Sesudah disebut nama, Daniel bilang tidak terlalu paham peraturan Cornell, tetapi ia berani mengatakan orang tersebut intelijen, tipe manusia pekerja keras, dan tidak ada masalah dengan bahasa-Inggris ataupun Belanda. Kemudian, lahirlah seorang pemegang ijazah PhD, George J. Aditjondro.
George Junus Aditjondro wafat pada 10 Desember 2016 di Kota Palu, Sulawesi Tengah. Nyaris seluruh media daring memberitakan kematiannya. Sebut saja tirto.id, detik.com, tempo.co, thejakartapost.com, dan beritagar.
George yang lahir di Pekalongan, Jawa Tengah, 27 Mei 1946. Sejak 2012, ia menderita stroke.

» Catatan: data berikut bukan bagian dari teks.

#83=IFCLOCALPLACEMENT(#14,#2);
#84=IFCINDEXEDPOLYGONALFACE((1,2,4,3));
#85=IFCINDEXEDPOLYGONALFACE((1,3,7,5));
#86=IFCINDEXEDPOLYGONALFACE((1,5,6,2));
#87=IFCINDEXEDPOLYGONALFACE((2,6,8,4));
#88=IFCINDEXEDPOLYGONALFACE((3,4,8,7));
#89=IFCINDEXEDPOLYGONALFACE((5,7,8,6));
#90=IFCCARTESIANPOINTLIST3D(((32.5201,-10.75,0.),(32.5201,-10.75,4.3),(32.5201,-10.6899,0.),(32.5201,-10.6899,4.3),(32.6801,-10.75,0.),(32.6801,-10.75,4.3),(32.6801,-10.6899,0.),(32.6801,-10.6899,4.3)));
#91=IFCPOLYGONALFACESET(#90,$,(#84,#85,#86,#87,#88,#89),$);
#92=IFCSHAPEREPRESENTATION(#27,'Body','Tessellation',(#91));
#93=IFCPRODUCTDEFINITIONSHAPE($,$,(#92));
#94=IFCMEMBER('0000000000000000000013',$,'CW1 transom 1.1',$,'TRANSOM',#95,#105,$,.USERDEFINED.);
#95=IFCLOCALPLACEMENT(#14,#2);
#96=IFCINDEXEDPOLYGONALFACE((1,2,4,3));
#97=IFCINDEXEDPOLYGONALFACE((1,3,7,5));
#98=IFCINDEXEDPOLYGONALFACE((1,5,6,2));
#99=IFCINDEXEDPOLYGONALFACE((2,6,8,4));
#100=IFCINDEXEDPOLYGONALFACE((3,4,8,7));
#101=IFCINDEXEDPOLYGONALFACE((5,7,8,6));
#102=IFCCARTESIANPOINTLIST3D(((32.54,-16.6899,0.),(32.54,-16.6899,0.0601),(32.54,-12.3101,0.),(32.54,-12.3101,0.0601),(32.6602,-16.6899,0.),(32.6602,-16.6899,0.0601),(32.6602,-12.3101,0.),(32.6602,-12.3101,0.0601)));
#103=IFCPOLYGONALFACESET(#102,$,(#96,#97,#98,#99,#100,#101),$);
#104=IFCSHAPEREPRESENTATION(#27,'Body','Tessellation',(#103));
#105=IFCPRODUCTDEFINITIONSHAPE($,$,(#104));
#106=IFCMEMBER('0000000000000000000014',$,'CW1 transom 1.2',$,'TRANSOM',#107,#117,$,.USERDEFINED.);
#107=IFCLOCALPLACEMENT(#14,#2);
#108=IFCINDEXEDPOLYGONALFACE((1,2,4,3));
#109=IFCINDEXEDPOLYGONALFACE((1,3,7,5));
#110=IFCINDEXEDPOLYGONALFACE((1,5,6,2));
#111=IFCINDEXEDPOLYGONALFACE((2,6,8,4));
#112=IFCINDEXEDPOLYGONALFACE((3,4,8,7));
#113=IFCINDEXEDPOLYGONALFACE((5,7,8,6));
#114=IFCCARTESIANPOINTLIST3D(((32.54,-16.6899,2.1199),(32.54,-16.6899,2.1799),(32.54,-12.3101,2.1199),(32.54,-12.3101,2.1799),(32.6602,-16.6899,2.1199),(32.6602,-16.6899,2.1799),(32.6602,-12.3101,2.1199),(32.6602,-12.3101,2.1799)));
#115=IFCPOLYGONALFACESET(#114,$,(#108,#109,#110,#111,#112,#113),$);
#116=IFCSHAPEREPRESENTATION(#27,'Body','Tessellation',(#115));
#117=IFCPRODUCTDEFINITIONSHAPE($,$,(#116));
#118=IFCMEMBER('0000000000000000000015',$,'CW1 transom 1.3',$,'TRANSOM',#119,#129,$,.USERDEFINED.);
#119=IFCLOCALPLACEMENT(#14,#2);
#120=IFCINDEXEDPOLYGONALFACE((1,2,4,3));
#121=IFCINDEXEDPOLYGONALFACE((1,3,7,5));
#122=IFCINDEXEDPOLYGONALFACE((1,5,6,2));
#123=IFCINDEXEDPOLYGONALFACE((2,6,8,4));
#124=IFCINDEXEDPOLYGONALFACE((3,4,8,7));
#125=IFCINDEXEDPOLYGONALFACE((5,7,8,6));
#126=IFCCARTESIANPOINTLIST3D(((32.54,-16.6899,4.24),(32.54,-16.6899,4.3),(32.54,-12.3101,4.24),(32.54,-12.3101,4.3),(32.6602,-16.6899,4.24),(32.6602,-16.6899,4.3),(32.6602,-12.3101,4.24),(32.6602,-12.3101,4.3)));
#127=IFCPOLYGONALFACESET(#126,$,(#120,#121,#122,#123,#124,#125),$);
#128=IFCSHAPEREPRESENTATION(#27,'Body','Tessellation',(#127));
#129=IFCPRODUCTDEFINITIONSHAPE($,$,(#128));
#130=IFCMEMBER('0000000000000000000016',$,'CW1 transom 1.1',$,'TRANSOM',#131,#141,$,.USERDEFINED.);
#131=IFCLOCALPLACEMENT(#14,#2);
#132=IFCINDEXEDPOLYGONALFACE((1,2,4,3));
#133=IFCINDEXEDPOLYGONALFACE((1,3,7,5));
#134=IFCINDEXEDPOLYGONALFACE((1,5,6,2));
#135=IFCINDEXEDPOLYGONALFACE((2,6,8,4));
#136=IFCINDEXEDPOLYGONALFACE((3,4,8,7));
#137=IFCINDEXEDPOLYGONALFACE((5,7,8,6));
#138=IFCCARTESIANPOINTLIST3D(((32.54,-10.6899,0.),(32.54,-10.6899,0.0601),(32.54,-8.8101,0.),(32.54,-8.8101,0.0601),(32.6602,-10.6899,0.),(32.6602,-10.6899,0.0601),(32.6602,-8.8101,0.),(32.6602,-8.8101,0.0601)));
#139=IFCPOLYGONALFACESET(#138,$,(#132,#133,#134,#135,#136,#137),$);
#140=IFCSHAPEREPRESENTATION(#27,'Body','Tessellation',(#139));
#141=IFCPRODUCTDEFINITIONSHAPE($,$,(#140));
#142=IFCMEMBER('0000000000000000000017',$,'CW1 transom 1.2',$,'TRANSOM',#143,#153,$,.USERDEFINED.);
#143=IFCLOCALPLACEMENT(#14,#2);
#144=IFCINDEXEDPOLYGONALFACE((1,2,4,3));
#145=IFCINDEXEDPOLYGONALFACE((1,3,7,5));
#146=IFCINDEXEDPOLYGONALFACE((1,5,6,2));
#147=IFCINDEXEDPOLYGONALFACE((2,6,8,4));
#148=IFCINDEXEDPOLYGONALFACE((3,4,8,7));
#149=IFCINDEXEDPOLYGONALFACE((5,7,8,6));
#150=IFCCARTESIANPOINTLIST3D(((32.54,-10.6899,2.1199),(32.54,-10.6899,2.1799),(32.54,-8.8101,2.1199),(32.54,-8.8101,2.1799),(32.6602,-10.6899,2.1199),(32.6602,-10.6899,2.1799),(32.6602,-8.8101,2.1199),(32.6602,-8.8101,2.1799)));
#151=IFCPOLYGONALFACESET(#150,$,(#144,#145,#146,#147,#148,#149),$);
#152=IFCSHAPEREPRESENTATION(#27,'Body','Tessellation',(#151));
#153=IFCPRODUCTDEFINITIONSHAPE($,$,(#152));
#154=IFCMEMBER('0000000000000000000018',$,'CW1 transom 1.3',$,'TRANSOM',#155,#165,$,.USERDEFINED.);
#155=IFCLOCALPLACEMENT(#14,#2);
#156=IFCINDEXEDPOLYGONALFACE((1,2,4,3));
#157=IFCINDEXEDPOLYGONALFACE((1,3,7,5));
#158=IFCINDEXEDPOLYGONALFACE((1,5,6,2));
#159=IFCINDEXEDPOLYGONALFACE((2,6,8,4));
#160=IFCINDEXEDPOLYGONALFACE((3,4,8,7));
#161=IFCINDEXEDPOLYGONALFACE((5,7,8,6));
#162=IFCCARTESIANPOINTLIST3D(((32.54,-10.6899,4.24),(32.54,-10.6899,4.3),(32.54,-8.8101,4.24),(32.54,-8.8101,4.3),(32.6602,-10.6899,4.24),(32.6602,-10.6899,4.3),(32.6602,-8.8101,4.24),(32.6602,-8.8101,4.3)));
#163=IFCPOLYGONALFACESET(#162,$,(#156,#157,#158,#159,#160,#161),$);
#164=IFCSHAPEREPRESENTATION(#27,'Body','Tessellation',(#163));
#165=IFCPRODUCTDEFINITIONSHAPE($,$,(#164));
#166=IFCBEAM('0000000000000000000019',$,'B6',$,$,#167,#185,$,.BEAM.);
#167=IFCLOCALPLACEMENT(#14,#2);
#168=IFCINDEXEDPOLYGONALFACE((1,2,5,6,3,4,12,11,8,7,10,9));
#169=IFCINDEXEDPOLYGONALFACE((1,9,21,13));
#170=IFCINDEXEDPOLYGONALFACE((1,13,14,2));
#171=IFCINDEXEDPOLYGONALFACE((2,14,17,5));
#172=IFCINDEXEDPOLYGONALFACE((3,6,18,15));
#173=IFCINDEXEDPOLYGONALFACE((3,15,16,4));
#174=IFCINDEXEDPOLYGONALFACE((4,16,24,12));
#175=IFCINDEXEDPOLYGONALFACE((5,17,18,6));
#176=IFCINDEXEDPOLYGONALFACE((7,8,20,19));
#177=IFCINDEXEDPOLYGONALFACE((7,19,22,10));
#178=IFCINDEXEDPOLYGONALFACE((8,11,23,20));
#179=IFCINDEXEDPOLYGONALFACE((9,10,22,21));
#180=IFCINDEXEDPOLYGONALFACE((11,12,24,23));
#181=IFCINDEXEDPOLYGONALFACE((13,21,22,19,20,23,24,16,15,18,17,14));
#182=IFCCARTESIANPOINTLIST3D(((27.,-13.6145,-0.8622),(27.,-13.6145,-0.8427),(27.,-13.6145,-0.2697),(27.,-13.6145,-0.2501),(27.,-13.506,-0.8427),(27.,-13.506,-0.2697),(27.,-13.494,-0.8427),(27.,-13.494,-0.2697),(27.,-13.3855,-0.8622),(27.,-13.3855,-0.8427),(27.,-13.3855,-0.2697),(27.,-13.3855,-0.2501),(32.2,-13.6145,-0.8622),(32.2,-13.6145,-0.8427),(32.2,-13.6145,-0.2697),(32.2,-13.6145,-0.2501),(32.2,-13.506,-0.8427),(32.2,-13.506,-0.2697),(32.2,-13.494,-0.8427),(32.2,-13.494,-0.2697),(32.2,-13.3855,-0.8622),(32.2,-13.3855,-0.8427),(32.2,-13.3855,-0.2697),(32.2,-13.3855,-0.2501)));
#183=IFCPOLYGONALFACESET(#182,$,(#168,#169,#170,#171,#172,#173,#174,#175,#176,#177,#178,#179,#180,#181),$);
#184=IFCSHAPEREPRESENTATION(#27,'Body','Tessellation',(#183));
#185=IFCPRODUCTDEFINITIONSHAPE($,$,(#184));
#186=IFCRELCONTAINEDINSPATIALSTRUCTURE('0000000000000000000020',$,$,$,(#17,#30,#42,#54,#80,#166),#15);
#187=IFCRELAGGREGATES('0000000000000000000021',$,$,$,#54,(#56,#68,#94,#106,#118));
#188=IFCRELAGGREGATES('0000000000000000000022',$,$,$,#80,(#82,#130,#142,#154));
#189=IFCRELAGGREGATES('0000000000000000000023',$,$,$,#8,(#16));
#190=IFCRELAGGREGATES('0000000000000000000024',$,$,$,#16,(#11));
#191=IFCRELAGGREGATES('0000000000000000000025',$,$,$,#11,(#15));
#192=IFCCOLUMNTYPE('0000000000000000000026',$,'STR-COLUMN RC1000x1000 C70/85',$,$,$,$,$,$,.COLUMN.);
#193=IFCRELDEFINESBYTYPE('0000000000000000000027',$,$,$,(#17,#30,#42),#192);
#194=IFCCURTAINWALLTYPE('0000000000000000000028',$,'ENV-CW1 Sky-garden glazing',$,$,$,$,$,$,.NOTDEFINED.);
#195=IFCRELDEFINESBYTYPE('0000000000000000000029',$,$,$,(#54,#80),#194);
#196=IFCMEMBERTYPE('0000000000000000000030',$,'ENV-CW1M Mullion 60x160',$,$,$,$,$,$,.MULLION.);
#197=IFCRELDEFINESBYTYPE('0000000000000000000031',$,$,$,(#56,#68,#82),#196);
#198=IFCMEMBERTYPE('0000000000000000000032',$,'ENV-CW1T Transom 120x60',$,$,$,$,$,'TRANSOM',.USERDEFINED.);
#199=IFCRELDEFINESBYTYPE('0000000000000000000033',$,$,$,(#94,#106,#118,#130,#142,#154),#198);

Sebelum tinggal dan dirawat di Palu sejak 2014, ia dirawat di Yogyakarta. Di Palu, ia didampingi istrinya, Erna Tenge, dosen pada Fakultas Ekonomi Untad.

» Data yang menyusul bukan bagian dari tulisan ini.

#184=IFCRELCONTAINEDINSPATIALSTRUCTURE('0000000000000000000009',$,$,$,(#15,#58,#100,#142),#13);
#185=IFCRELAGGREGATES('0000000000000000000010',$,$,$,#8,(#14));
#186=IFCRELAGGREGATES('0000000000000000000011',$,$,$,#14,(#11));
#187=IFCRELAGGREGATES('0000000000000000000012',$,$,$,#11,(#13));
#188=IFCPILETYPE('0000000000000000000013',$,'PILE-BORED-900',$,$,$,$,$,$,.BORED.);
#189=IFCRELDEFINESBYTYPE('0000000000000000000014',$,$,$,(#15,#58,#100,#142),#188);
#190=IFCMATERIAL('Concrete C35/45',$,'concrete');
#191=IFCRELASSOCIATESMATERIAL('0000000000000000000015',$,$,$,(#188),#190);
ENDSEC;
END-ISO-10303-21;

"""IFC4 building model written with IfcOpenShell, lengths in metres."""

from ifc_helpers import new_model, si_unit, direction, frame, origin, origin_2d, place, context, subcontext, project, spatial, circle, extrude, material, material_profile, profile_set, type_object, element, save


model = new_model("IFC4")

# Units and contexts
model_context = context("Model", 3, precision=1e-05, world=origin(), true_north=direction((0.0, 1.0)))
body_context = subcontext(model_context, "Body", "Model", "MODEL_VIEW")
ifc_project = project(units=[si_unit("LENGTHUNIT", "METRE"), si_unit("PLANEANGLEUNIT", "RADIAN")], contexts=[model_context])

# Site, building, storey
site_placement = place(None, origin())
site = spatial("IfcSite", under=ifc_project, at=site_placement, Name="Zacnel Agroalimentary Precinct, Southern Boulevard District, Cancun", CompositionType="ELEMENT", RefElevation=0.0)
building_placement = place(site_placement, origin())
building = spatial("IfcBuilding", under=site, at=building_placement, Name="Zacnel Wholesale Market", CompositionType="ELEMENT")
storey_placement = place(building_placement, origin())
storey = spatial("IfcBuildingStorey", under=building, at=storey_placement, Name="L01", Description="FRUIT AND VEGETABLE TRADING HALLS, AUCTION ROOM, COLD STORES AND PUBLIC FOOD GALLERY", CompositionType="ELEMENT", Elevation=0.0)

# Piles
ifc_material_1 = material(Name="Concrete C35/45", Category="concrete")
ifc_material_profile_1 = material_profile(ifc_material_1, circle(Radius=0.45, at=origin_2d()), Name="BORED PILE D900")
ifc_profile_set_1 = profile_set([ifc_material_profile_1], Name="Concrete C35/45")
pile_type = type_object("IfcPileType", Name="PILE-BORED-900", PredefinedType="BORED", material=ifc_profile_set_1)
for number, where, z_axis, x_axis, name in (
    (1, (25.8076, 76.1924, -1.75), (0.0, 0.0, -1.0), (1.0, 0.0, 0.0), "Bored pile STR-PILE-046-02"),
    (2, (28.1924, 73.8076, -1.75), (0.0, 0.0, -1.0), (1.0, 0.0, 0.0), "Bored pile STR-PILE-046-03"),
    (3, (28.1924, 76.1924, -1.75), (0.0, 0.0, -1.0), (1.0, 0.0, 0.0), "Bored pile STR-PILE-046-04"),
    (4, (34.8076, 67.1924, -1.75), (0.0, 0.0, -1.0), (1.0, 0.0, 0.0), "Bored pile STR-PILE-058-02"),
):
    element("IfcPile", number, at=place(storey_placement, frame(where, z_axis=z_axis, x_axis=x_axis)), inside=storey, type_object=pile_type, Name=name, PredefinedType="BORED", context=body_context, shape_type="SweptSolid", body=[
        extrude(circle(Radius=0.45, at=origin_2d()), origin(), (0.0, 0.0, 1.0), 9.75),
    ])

Penulis yang terkenal dengan buku Gurita Cikeas (2009) ini adalah cendekiawan pengembara. Ia menulis korupsi secara konsisten dan mengeritik kekuasaan Orde Baru bahkan ketika rezim ini sedang kuat-kuatnya.

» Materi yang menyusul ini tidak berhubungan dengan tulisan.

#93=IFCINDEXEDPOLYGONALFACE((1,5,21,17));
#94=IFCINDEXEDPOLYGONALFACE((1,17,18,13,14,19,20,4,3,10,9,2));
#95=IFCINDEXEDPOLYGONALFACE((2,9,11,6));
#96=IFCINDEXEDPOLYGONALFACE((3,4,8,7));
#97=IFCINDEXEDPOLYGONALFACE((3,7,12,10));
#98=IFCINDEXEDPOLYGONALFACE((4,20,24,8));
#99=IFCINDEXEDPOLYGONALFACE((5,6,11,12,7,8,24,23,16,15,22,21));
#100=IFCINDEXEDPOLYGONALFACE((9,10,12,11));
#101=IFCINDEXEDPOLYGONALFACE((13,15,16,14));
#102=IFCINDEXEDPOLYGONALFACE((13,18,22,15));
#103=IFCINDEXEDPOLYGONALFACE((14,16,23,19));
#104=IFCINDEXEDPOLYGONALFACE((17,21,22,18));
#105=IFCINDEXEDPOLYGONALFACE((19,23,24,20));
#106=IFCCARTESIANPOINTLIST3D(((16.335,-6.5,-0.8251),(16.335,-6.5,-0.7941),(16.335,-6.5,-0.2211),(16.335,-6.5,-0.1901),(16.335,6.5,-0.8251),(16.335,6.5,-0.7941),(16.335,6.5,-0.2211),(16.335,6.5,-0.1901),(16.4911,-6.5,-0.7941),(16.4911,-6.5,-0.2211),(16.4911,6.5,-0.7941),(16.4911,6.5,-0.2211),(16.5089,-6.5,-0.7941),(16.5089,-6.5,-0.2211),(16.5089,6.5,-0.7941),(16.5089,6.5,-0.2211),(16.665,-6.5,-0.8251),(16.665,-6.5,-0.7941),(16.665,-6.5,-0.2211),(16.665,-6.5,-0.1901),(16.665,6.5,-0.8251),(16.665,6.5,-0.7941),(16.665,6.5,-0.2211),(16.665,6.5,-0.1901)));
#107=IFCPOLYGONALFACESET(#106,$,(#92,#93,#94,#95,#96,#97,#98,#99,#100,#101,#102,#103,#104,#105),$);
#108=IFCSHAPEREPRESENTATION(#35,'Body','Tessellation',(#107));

Kampus Cornell, AS, tempat ia mendapatkan gelar doktor, justru memulai langkahnya untuk menjadi cendekiawan pengembara yang hidup dari satu negara ke negara lain, dari satu kota ke kota lain, dan dari satu komunitas ke komunitas lain. Para penggiat perubahan sosial yang tinggal di Aceh hingga Papua pastilah mengenal dekat George Junus Aditjondro.
Sebagai alumni pendidikan tinggi yang bonafide, George Junus punya potensi menjadi sekrup proyek pemerintah, pengajar di kampus ranking satu, atau bahkan komisaris di korporasi. Namun ia memilih jalan lain yang tidak “normal” dan “lazim”. Ia menjadi cendekiawan publik yang merawat semangat bahwa perubahan sosial mesti terus diperjuangkan dan cendekiawan tak boleh absen di dalamnya walau hidup melarat menjadi niscaya.
George Junus melawan kekuasaan korup tanpa pasukan. Ia melawan dengan buku dan tulisan-tulisan yang berserakan di majalah, brosur, dan media daring. Bukan hanya kekuasaan korup Presiden Soeharto yang disingkapnya, melainkan juga rezim penggantinya. Termasuk perlawanan terbuka kepada Presiden Susilo Bambang Yudhoyono yang menjadikannya sebagai salah satu newsmaker di pengujung 2009.
Karena komitmen pada dunia arus bawah ini Aditjondro berhadapan vis a vis dengan Raja Yogyakarta ihwal sengketa tanah Kulon Progo yang membuatnya nyaris diusir elemen pendukung raja dari kota tempat koleksi bukunya ia simpan. Bahkan ia juga disingkirkan dari tempatnya mengajar di salah satu kampus swasta dan, terutama, mata kuliah Marxisme yang diampuhnya turut serta hilang.
Di saat pelbagai teror dan ancaman itulah kita tahu bahwa Aditjondro tak memiliki tanah dan rumah untuk tempat tinggalnya. Ia cendekia pengembara par excellence bersama 2.500-an judul buku serta boks-boks berkas dan catatan lapangan, kliping laporan media dan sebagainya.
Dua kali diserang stroke yang nyaris merenggut nyawanya, Aditjondro menjalani kehidupan kedua di Kota Palu yang jauh dari ingar-bingar — dan di sanalah ia akhirnya mengembuskan nafasnya yang terakhir.